# Variant Effect Prediction — Random Forest Demo (Tabular)

**Biological framing:** We often build a per-variant feature table (conservation, amino-acid change metrics, structural impact, etc.) and want to predict **pathogenic vs benign**.

This demo is intentionally synthetic to stay fast and reproducible.

### Pipeline
1. Biological features → tensor (`X`, `y`)
2. Model: `RandomForestClassifier`
3. Evaluation: accuracy + confusion matrix
4. Insight: feature importances (what the model uses)

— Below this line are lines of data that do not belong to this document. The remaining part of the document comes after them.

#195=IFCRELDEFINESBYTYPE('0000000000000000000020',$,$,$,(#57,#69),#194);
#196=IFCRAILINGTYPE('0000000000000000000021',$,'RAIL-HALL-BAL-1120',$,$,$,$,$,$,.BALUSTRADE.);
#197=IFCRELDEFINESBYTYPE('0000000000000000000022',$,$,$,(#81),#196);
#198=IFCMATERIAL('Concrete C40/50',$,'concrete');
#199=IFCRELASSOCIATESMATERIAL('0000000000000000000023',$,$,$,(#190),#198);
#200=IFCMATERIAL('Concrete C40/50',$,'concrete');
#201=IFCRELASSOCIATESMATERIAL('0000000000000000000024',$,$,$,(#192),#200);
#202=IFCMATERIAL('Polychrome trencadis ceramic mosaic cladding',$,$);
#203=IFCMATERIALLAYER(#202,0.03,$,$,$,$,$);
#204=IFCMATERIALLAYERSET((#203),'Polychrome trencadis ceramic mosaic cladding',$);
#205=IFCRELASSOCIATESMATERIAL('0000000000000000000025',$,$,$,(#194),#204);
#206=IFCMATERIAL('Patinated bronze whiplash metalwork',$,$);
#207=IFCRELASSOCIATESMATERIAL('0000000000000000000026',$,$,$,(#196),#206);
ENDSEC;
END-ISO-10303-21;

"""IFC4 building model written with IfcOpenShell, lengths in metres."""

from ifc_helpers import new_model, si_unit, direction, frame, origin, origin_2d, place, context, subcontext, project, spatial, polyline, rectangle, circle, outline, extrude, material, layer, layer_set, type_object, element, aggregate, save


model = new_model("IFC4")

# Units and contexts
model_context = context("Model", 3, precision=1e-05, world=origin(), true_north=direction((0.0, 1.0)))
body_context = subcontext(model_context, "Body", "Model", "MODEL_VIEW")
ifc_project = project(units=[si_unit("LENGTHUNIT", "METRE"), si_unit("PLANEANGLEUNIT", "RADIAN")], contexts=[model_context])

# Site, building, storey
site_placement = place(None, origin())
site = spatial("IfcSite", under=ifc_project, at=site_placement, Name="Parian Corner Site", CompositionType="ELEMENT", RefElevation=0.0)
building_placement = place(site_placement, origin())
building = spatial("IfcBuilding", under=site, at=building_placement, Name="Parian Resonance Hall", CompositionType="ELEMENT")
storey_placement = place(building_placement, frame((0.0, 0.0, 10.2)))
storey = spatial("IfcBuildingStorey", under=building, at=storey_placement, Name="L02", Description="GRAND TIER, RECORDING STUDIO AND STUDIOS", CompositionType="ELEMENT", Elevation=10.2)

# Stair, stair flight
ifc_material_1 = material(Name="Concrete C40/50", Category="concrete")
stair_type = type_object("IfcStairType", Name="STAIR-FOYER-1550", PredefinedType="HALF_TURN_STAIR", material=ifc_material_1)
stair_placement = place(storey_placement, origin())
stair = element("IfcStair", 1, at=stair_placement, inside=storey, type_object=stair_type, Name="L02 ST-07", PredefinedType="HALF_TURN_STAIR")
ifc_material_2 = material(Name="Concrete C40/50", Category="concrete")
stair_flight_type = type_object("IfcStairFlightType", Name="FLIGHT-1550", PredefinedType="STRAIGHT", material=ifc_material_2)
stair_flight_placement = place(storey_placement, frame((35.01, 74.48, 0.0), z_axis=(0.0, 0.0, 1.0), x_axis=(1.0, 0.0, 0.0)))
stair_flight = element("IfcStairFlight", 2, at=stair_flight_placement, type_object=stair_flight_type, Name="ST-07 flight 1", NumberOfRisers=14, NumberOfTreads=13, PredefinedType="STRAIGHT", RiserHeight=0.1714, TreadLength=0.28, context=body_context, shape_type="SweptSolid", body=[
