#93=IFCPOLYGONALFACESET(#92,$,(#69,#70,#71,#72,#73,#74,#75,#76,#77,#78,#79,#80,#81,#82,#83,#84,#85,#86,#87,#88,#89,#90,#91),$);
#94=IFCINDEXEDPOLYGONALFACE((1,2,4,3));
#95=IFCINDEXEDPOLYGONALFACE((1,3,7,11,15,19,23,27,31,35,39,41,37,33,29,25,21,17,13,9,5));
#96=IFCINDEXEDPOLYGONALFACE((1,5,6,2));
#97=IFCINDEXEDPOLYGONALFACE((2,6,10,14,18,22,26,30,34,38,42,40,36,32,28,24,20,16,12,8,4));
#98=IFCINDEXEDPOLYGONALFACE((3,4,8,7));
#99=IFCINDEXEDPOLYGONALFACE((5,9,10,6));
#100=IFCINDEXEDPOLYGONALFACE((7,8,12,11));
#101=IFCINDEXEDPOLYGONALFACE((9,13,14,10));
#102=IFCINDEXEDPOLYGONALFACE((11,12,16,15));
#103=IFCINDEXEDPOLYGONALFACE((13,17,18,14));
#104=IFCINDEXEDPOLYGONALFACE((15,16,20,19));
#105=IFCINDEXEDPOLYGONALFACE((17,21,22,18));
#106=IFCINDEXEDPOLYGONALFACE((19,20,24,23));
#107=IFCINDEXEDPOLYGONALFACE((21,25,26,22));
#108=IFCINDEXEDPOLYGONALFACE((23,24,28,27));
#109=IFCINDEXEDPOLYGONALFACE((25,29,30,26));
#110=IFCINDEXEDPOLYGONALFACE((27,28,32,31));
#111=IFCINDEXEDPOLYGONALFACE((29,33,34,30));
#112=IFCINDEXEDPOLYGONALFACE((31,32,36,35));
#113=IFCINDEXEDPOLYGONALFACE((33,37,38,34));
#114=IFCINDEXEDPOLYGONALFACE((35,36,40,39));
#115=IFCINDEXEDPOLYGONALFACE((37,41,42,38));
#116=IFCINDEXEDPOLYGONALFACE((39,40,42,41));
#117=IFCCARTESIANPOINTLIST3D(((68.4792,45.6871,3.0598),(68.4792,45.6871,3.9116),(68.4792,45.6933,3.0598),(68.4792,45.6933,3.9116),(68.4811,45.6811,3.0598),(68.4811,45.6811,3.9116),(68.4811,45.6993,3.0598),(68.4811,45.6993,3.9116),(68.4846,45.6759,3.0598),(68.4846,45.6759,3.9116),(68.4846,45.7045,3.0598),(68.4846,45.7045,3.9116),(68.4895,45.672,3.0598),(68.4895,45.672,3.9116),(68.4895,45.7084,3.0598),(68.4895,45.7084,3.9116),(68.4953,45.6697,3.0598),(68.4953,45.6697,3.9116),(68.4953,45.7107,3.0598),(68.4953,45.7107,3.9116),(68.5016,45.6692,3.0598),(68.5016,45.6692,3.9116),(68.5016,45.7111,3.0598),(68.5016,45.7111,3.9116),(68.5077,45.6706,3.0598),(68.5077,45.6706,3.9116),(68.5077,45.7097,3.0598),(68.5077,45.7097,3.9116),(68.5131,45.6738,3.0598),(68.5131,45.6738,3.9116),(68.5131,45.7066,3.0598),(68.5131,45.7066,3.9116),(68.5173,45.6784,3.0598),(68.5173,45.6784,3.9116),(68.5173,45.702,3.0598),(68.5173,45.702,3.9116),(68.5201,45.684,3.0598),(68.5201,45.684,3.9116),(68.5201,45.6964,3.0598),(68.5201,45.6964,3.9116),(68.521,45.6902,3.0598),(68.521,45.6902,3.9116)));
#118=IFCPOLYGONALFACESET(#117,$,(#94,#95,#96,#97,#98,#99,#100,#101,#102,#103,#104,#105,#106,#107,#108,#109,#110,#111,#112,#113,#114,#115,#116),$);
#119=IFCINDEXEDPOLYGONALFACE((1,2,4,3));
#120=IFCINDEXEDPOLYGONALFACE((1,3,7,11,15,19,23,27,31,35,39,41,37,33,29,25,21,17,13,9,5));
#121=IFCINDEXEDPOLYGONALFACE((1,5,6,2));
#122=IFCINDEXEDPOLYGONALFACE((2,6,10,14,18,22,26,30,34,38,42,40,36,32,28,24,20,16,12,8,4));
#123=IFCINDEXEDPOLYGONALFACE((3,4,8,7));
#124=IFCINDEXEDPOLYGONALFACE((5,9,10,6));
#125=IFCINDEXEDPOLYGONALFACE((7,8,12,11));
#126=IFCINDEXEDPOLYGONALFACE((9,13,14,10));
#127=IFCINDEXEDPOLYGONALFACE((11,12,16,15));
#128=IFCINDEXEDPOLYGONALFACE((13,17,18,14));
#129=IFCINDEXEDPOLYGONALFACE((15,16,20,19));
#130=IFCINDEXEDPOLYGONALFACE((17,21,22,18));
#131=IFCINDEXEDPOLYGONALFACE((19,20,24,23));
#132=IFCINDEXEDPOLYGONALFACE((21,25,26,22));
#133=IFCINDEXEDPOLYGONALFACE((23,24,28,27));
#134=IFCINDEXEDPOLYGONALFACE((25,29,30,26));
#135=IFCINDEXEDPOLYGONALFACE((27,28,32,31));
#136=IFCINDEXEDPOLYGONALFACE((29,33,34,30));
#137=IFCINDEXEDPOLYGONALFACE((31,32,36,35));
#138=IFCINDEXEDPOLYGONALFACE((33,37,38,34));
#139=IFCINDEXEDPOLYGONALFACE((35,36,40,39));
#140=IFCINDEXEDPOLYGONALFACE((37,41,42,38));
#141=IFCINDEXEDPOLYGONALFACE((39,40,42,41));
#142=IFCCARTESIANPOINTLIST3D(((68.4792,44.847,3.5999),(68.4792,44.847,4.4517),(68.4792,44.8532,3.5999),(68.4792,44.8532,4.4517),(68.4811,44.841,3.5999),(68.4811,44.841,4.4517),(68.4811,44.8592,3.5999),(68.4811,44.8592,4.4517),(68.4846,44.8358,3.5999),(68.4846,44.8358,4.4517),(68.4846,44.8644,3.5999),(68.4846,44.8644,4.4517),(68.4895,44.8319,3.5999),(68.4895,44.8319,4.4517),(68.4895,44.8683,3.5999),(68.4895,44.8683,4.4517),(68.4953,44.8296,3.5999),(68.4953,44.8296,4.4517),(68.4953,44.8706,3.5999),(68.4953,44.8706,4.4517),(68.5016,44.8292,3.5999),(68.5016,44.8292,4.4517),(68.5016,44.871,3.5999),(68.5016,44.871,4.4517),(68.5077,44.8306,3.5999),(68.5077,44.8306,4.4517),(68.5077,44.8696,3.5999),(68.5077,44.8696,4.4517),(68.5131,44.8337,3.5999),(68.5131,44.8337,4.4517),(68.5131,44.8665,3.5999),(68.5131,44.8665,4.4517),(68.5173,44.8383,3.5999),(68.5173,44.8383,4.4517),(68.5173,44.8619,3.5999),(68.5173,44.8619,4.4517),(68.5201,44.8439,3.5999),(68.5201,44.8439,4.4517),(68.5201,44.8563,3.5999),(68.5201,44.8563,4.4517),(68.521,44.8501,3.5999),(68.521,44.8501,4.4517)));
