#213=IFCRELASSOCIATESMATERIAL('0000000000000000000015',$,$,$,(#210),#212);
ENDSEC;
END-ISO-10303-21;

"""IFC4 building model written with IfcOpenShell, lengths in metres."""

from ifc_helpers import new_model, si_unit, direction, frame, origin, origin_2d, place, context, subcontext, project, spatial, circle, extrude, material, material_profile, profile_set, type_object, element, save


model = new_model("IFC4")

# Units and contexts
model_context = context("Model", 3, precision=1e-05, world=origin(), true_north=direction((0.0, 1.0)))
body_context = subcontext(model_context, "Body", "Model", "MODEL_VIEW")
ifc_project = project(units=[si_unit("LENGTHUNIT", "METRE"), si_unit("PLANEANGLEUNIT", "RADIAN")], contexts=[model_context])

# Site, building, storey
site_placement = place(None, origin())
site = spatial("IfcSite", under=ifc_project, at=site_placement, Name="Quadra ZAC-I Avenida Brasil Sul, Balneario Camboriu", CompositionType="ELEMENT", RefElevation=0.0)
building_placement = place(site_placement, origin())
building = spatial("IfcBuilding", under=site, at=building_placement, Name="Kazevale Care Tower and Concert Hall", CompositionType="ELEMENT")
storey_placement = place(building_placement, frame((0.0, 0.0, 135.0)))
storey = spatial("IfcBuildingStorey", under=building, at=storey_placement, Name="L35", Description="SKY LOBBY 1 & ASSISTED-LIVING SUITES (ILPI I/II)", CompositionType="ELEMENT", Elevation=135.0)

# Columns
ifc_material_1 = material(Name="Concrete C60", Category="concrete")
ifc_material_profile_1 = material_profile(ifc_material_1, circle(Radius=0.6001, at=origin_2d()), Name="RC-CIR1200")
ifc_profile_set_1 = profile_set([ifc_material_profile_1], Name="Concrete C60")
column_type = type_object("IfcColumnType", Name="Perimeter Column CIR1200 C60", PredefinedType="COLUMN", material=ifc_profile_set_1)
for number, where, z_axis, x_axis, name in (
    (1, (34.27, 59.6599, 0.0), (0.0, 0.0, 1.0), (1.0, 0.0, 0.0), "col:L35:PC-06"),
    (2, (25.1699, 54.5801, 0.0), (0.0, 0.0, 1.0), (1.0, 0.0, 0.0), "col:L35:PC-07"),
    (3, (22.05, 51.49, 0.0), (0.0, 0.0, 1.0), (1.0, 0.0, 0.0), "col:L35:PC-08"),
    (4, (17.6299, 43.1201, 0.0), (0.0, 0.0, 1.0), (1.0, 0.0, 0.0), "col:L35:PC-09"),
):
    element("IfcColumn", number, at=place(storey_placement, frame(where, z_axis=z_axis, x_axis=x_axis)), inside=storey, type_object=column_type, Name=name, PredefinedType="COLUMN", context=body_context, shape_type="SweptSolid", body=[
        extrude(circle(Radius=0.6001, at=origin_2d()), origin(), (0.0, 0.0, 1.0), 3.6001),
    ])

Runtime target: **< 30 seconds**.

In [None]:
import numpy as np
import pandas as pd
import matplotlib.pyplot as plt

from sklearn.model_selection import train_test_split
from sklearn.ensemble import RandomForestClassifier
from sklearn.metrics import accuracy_score, confusion_matrix, ConfusionMatrixDisplay

RANDOM_STATE = 42
rng = np.random.default_rng(RANDOM_STATE)

In [None]:
# 1. Synthetic biological feature table → tensor
# Features:
# - conservation_score: higher tends to be more pathogenic
# - aa_change_index: magnitude of amino-acid change
# - hydrophobicity_change: shift in hydrophobicity
# - structural_impact: higher tends to be more pathogenic

n = 1200
conservation_score = rng.uniform(0, 1, size=n)
aa_change_index = rng.normal(0, 1, size=n)
hydrophobicity_change = rng.normal(0, 1, size=n)
structural_impact = rng.uniform(0, 1, size=n)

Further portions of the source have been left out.